Blood Canticle
- First edition cover
- Author: Anne Rice
- Audio read by: David Pittu
- Cover artist: Cumaean Sibyl by Domenichino
- Language: English
- Series: The Vampire Chronicles The Mayfair Witches
- Genre: Horror
- Published: October 28, 2003
- Publisher: Knopf
- Publication place: United States
- Media type: Print (Hardcover)
- Pages: 320
- ISBN: 0-375-41200-X
- OCLC: 51020425
- Dewey Decimal: 813/.54 21
- LC Class: PS3568.I265 B63 2003
- Preceded by: Blackwood Farm
- Followed by: Prince Lestat

= Blood Canticle =

2003 novel by Anne Rice

Blood Canticle is a 2003 vampire novel by American writer Anne Rice, the tenth book in her The Vampire Chronicles series. The novel includes some characters who cross over from Rice's Lives of the Mayfair Witches trilogy (1990–1994), concluding the unified story begun in Merrick (2000) and continued in Blackwood Farm (2002).

Blood Canticle was originally intended to conclude the saga of Rice's famed vampire Lestat de Lioncourt, but in March 2014 she announced a sequel titled Prince Lestat.

==Plot summary==
Narrated by the vampire Lestat de Lioncourt, Blood Canticle finds young Mayfair witch and heiress Mona slowly dying, afflicted with a mysterious disease brought on by the birth of her daughter Morrigan. Over time, Mona and her guardian, Rowan Mayfair, reveal more and more about the powerful genetic plague that has haunted the Mayfairs for generations: their connection to the Taltos, an advanced species of human to which both women have given birth. Mona and the young vampire Tarquin "Quinn" Blackwood are in love. Lestat turns a dying Mona into a vampire so that the lovers can be together forever.

While trying to prevent Mona's family from discovering her transformation, Lestat falls in love with the married Rowan, and she secretly pines for him as well. As Mona adjusts to her new power, Lestat enlists the ancient vampire Maharet to help find Mona's Taltos child. Lestat, Quinn and Mona arrive at the remote island colony of the Taltos, but instead of finding a secluded utopia, they discover that years of criminal intrigue and civil war have taken their toll. The remaining Taltos join the Mayfair clan at the Mayfair Medical Center where they intend to safely learn and grow as a family. Mona and Quinn are instructed in the proper ways of vampirism by Maharet and her twin Mekare. Rowan seeks out Lestat, half in love with him but torn by her love for her husband Michael. Exhausted by her life, she requests that he make her a vampire. Lestat declines, pained though he is, because she is a guiding force for the Mayfair family and he cannot take her away from it.

==Crossovers==
Some characters from Rice's Lives of the Mayfair Witches trilogy (1990–1994) appear in Merrick (2000), and later Blackwood Farm (2002) and Blood Canticle.

==Audiobooks==
In 2003, Penguin Random House Audio released an abridged audiobook adaptation of Blood Canticle, narrated by Stephen Spinella, as well as an unabridged version, narrated by David Pittu.

==Critical reception==
Blood Canticle debuted at No. 5 on The New York Times Best Seller list, spending a total of five weeks on the list. Publishers Weekly wrote, "The vampirization of young Mona, a true child of our times, gives Rice a dynamic new vampire personality with whom to play. Writing as if her blood-inked quill were afire, Rice seems truly possessed by [Lestat] as she races through the story. She sometimes slights members of the vast supporting cast, both dead and alive, but neatly ties up all their loose ends." Alynda Wheat of Entertainment Weekly called Blood Canticle "overwrought and pulpy as only Rice knows how to be", adding that "while he occasionally displays the flashes of vanity, wit, and style that originally lured fans, Lestat is lately hampered with a desire to be (ick!) good. It's a moral U-turn that drives the Blood Hunter toward the ultimate literary sin: tedium."

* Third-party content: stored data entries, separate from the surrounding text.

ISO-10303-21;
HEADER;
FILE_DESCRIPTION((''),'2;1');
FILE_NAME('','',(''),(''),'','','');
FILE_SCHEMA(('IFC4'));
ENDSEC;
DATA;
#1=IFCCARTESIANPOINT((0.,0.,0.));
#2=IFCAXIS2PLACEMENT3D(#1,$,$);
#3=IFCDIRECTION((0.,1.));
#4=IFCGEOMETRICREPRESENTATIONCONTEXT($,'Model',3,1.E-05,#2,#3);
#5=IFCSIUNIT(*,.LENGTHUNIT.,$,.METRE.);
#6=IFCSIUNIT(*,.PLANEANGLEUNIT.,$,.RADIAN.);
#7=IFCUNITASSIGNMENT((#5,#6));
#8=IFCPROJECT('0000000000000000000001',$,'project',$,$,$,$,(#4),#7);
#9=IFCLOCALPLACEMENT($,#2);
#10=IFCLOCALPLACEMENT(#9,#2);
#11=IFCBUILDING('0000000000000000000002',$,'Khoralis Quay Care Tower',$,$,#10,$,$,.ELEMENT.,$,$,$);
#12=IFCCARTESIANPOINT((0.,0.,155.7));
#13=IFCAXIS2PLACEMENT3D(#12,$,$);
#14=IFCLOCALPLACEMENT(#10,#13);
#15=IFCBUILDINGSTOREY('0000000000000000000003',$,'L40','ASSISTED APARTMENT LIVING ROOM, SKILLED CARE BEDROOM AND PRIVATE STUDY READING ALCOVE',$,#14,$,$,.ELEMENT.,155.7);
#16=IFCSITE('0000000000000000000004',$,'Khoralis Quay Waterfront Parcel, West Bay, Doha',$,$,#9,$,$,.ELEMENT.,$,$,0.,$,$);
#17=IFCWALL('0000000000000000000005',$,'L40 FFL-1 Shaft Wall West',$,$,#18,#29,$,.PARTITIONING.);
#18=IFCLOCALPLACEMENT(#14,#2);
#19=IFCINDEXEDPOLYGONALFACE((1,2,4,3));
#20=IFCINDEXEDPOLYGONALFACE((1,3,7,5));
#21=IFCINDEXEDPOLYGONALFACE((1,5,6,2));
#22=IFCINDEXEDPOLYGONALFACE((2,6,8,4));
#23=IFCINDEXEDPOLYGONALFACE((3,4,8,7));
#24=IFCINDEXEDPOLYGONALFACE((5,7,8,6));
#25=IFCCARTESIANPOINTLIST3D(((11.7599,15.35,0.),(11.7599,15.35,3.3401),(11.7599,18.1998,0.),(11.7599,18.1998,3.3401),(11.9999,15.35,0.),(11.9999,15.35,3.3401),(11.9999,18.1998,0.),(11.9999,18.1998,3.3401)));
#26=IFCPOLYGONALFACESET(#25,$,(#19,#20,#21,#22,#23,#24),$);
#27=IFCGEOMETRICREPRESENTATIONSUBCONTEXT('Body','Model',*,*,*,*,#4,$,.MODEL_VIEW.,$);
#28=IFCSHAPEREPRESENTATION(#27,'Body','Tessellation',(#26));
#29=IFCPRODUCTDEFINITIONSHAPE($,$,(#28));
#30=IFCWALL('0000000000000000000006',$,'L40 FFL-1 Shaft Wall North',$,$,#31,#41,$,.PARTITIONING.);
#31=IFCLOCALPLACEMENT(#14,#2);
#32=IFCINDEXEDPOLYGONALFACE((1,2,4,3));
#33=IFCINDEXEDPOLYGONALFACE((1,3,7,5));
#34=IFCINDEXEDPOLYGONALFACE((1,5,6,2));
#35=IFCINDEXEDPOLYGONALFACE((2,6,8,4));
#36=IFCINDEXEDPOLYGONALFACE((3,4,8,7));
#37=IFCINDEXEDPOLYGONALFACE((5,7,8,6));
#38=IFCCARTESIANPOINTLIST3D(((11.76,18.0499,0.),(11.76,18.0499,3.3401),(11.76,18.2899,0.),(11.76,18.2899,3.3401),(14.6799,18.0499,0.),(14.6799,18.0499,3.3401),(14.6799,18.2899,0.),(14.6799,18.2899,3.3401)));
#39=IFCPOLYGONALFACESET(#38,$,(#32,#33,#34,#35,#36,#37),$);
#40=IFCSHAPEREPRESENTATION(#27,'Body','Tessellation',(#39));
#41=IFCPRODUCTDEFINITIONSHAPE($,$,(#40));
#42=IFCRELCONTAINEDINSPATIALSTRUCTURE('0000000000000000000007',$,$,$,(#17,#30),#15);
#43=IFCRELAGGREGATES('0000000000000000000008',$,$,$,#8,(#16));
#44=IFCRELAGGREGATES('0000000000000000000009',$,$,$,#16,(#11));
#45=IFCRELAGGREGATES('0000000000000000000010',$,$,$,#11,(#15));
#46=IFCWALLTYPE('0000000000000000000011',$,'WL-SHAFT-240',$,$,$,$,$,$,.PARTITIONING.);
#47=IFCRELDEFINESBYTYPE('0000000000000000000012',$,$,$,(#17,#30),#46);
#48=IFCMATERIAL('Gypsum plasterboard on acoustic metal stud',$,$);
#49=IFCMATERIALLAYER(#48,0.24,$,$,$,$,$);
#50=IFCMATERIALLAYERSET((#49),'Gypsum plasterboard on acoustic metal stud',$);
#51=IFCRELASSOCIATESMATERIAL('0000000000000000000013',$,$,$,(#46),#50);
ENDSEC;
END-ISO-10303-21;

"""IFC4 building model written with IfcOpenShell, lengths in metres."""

from ifc_helpers import new_model, si_unit, direction, frame, frame_2d, origin, place, context, subcontext, project, spatial, rectangle, extrude, material, layer, layer_set, type_object, element, save


model = new_model("IFC4")

# Units and contexts
model_context = context("Model", 3, precision=1e-05, world=origin(), true_north=direction((0.0, 1.0)))
body_context = subcontext(model_context, "Body", "Model", "MODEL_VIEW")
ifc_project = project(units=[si_unit("LENGTHUNIT", "METRE"), si_unit("PLANEANGLEUNIT", "RADIAN")], contexts=[model_context])

# Site, building, storey
site_placement = place(None, origin())
site = spatial("IfcSite", under=ifc_project, at=site_placement, Name="Khoralis Quay Waterfront Parcel, West Bay, Doha", CompositionType="ELEMENT", RefElevation=0.0)
building_placement = place(site_placement, origin())
building = spatial("IfcBuilding", under=site, at=building_placement, Name="Khoralis Quay Care Tower", CompositionType="ELEMENT")
storey_placement = place(building_placement, frame((0.0, 0.0, 155.7)))
storey = spatial("IfcBuildingStorey", under=building, at=storey_placement, Name="L40", Description="ASSISTED APARTMENT LIVING ROOM, SKILLED CARE BEDROOM AND PRIVATE STUDY READING ALCOVE", CompositionType="ELEMENT", Elevation=155.7)

# Shared definitions
ifc_material_1 = material(Name="Gypsum plasterboard on acoustic metal stud")

# Walls
ifc_layer_1 = layer(ifc_material_1, 0.24)
ifc_layer_set_1 = layer_set([ifc_layer_1], Name="Gypsum plasterboard on acoustic metal stud")
wall_type_1 = type_object("IfcWallType", Name="WL-SHAFT-240", PredefinedType="PARTITIONING", material=ifc_layer_set_1)
wall_1_placement = place(storey_placement, frame((11.8799, 15.3501, 0.0), z_axis=(0.0, 0.0, 1.0), x_axis=(0.0, 1.0, 0.0)))
element("IfcWall", 1, at=wall_1_placement, inside=storey, type_object=wall_type_1, Name="L40 FFL-1 Shaft Wall West", PredefinedType="PARTITIONING", context=body_context, shape_type="SweptSolid", body=[
    extrude(rectangle(XDim=2.8499, YDim=0.24, at=frame_2d((1.4248, 0.0))), origin(), (0.0, 0.0, 1.0), 3.3401),
])
wall_2_placement = place(storey_placement, frame((11.76, 18.1699, 0.0), z_axis=(0.0, 0.0, 1.0), x_axis=(1.0, 0.0, 0.0)))
element("IfcWall", 2, at=wall_2_placement, inside=storey, type_object=wall_type_1, Name="L40 FFL-1 Shaft Wall North", PredefinedType="PARTITIONING", context=body_context, shape_type="SweptSolid", body=[
    extrude(rectangle(XDim=2.9199, YDim=0.24, at=frame_2d((1.46, 0.0))), origin(), (0.0, 0.0, 1.0), 3.3401),
])

save(model, "model.ifc")
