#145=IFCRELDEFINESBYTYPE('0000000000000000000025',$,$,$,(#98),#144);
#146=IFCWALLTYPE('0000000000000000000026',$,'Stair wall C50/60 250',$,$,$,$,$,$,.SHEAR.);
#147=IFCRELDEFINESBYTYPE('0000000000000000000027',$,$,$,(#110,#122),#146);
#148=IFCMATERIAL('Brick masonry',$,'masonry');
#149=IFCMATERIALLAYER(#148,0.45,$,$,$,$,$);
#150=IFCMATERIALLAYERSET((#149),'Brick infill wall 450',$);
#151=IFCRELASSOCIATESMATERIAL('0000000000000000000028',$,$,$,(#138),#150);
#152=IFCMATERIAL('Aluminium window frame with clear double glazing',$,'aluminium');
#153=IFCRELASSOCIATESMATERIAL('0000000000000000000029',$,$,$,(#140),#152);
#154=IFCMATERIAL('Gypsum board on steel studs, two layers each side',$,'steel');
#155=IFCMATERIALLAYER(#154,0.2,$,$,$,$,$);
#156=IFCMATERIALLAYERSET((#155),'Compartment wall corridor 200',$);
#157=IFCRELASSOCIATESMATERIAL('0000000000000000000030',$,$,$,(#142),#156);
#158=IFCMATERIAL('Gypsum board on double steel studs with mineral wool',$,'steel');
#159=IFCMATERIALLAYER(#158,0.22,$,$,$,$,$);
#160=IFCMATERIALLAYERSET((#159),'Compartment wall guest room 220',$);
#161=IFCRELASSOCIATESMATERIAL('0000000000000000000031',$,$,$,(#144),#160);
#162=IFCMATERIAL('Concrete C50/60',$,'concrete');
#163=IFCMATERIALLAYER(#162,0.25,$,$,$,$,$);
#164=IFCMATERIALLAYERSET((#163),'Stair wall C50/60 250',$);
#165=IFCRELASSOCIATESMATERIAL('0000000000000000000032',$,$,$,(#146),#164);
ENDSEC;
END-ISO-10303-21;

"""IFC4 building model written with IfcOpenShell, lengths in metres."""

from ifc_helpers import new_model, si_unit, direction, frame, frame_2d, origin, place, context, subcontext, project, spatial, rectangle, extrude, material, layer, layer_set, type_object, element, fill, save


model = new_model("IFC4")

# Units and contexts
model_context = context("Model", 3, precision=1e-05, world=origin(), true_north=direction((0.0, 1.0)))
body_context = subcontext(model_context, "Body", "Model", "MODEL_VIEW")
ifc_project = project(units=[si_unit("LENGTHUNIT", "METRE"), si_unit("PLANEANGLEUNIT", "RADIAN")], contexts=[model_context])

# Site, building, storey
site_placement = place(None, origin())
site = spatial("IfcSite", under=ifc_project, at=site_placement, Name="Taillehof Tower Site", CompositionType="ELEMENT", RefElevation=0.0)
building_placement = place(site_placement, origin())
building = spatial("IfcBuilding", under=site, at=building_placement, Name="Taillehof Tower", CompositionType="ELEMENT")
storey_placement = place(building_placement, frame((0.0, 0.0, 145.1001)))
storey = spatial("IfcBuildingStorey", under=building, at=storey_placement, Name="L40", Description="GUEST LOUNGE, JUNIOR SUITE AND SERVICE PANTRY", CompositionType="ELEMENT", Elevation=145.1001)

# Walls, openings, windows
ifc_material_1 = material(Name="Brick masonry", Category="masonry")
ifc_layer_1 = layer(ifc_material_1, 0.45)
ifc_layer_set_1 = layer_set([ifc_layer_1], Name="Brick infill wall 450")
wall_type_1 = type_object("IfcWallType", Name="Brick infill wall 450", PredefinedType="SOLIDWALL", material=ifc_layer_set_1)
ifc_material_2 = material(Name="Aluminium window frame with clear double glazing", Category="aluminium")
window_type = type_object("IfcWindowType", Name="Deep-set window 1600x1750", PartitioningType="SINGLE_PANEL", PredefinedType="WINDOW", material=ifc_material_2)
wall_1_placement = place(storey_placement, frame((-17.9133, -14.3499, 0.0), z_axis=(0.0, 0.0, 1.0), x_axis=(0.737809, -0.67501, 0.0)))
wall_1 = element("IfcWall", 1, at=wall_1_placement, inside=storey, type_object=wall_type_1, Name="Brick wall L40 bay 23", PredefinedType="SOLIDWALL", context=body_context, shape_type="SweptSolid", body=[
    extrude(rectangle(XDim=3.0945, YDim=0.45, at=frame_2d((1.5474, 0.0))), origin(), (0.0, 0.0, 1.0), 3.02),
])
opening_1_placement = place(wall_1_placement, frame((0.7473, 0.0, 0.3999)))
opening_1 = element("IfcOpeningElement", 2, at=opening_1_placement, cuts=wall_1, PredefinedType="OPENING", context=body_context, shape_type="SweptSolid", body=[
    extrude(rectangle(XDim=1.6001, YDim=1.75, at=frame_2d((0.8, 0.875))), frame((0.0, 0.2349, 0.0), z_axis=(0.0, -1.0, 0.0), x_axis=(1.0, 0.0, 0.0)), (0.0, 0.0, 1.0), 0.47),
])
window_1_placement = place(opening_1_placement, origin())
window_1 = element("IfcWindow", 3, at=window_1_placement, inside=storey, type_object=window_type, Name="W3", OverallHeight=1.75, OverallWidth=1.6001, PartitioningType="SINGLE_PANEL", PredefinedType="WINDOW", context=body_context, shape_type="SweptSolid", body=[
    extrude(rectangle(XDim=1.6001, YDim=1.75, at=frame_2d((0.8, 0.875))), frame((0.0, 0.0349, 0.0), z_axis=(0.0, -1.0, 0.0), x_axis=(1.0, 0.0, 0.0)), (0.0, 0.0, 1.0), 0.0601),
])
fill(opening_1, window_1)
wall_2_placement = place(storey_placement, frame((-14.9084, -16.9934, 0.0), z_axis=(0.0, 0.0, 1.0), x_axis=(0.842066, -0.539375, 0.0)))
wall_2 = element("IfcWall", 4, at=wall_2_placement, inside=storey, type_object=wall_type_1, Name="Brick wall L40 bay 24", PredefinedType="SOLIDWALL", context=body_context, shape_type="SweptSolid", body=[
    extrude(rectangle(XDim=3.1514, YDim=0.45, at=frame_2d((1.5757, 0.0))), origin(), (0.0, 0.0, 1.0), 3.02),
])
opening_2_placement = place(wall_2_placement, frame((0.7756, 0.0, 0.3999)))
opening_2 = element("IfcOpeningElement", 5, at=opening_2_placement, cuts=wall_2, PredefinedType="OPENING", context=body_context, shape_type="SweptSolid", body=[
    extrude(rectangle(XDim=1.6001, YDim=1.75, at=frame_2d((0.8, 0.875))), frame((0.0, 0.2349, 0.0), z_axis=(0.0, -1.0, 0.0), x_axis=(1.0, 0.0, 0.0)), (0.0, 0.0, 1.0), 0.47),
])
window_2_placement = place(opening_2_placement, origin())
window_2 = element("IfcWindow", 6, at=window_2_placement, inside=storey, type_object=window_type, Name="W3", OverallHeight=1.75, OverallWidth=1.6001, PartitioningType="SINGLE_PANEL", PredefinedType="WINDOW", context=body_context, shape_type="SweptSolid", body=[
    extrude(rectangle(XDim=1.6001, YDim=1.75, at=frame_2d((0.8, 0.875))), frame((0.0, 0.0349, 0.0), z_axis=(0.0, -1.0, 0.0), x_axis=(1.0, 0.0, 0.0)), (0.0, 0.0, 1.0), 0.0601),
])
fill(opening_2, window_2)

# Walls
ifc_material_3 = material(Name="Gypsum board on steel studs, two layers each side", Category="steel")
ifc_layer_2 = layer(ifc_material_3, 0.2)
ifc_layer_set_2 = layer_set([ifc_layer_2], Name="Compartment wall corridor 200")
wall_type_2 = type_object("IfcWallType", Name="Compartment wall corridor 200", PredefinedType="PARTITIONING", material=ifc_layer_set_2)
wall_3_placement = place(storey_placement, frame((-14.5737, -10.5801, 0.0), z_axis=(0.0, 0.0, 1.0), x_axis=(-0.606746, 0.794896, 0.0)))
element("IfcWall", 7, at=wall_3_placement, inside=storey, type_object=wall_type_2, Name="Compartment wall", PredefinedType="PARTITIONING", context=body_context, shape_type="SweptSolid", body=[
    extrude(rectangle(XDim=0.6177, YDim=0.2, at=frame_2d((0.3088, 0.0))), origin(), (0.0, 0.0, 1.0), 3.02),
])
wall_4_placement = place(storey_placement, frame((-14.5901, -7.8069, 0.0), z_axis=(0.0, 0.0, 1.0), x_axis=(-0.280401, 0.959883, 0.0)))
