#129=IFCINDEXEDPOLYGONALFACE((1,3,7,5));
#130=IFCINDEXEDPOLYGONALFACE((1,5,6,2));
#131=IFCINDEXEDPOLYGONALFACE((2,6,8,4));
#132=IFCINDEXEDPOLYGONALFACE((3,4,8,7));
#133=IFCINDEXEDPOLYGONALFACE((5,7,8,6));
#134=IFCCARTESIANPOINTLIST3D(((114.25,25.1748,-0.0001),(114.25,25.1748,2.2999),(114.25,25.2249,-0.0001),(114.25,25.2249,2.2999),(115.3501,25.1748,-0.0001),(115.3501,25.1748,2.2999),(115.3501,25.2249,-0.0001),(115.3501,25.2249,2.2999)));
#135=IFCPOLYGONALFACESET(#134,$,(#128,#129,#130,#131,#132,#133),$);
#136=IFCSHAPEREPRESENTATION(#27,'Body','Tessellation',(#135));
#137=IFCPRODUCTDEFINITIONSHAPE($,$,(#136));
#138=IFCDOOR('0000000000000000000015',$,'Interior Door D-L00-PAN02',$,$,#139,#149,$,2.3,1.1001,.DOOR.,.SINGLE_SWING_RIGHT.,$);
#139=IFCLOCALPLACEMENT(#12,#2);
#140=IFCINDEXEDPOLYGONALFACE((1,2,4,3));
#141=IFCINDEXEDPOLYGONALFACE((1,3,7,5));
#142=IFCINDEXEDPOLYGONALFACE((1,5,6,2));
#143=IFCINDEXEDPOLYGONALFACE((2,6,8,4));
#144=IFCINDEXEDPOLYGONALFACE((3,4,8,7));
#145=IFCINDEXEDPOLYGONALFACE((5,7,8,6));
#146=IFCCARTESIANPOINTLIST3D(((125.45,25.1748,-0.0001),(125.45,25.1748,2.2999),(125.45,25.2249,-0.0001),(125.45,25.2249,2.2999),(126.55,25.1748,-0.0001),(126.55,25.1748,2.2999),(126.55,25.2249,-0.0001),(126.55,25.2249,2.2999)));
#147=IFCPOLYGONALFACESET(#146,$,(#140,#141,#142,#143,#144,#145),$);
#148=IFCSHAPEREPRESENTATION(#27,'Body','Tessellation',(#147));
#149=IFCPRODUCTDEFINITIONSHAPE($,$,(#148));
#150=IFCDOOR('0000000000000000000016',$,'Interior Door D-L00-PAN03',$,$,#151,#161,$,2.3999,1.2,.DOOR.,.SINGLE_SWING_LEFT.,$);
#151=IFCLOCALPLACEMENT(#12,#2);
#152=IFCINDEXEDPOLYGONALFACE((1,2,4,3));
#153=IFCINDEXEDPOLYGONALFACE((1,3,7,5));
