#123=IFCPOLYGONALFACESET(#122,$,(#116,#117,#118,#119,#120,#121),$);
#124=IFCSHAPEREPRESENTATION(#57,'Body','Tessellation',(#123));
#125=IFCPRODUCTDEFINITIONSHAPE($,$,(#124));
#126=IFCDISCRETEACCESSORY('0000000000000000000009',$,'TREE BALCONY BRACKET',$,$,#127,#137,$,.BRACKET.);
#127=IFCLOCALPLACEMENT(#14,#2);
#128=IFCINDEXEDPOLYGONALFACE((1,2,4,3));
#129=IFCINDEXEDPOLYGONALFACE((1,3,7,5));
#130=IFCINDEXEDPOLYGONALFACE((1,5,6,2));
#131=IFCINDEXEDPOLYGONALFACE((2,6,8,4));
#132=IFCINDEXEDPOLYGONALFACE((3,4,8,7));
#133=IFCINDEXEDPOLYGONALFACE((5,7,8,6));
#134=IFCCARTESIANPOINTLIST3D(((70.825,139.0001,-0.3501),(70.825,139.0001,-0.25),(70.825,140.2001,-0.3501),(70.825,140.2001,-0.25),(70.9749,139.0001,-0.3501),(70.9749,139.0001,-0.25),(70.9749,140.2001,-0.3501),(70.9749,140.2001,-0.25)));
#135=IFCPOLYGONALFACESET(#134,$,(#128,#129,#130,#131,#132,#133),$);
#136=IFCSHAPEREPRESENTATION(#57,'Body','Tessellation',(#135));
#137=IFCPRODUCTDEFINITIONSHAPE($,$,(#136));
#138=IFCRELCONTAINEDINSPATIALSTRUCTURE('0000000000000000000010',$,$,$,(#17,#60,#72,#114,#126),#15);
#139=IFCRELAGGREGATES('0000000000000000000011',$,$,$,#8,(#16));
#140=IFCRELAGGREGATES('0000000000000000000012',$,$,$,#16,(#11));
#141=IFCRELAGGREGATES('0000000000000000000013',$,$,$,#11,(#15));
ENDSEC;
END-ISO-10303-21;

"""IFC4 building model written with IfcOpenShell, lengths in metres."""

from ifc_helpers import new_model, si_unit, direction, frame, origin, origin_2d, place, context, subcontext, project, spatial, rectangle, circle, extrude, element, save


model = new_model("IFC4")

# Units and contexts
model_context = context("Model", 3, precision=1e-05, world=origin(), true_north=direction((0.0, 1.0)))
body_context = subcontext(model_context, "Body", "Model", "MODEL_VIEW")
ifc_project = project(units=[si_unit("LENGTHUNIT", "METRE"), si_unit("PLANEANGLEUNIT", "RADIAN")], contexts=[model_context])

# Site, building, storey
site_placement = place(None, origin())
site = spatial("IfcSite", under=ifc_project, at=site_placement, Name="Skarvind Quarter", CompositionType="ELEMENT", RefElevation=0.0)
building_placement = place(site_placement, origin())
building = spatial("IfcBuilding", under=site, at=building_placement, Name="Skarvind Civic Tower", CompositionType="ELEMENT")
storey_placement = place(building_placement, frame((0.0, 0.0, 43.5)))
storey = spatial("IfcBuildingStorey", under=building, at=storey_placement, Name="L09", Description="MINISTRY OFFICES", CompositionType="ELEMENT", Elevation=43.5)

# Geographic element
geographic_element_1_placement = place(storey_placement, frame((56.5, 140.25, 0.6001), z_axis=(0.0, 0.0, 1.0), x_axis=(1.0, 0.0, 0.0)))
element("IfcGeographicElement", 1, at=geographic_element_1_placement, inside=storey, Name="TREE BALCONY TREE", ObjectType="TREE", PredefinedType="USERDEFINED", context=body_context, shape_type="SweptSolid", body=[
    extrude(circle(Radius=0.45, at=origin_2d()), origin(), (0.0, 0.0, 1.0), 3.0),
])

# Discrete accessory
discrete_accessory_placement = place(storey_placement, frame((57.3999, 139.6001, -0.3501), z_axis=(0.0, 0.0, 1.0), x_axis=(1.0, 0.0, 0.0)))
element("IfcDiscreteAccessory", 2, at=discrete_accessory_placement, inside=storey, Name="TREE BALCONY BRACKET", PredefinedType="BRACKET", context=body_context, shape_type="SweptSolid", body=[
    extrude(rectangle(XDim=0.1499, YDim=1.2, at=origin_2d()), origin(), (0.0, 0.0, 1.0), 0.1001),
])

After Blood Canticle received many "virulently negative reviews" from readers on Amazon.com, Rice responded on the site with "a blistering 1,200-word defense" of the novel. Compelled to speak out because many of the postings included personal attacks on her writing ability, health and state of mind since her husband's 2002 death, Rice added that she had received many emails of support from fellow writers who had also felt "savaged and trashed" by Amazon.com reviews.